= Lutz Meyer-Goßner =

German lawyer, jurist and law professor (born 1936)

Lutz Meyer-Goßner (born 10 July 1936) is a German lawyer, jurist and law professor. He was a judge of the Federal Court of Justice of Germany (Bundesgerichtshof) from 1983 to 2001.

Meyer-Goßner was born in Nienburg, Lower Saxony to Arnold Meyer and Liselotte geb. Goßner. His father was an evangelical pastor. He grew up in Celle, which is also in Lower Saxony, and attended the humanistic Gymnasium Ernestinum there, graduating in 1955. He studied law at the University of Tübingen and LMU Munich and passed his initial state law exam in 1959. In 1962, he received his doctorate from LMU Munich.

In 1964, after initial clerking, he was appointed as a deputy judge in the judicial service of the State of Bavaria. In 1967, he moved up to full district judge at the District Court of Munich. Concurrently with his appointment as judge, Meyer-Goßner undertook the job of working-group-leader over the research clerks of the court. In 1972, he was promoted and appointed head prosecutor. Beginning in 1975, Meyer-Goßner served as Chief Judge of the District Court of Munich, where he presided over the entire criminal division.

Meyer-Goßner received his appointment to the bench of the Federal Court in 1983, first hearing criminal cases. And then in 1992, he was appointed as deputy presiding judge of the court and in December 1994 as presiding judge. He retired on 31 July 2001 as presiding judge and from the court.

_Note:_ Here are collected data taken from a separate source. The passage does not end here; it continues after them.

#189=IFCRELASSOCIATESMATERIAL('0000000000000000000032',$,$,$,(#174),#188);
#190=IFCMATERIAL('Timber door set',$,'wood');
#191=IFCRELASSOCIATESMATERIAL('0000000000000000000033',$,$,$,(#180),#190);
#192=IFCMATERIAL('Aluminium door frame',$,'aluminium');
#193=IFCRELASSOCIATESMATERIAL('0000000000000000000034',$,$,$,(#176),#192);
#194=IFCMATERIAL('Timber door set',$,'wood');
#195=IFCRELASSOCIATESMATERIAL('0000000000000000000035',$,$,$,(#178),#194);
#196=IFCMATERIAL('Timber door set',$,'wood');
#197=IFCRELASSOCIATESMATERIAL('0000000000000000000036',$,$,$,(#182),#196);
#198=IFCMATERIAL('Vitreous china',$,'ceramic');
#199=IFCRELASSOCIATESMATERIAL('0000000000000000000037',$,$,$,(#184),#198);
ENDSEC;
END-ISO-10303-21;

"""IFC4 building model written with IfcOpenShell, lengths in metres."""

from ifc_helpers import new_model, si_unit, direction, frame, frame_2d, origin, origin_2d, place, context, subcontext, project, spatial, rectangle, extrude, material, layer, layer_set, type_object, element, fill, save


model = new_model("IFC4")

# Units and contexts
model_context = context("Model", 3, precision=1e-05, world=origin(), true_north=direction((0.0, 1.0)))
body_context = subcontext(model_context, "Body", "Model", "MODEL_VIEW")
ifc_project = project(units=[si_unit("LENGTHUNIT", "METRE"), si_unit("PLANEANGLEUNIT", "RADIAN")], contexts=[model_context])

In addition to his demanding judicial duties, Meyer-Goßner also contributed to the profession as a commentator on the Criminal Procedure Code. Meyer-Goßner held a professorship at Marburg University, where he continued to teach criminal law and procedure after his judicial retirement.

He married Emily Meyer-Goßner in 1966 and has two grown children.

==Selected works==
- Strafprozeßordnung: Gerichtsverfassungsgesetz, Nebengesetze und ergänzende Bestimmungen (2006)
- Kurzkommentar, der die Praxis des deutschen Strafprozesses (2017)

==Awards==
In 1999, he was appointed an honorary professor at the University of Marburg.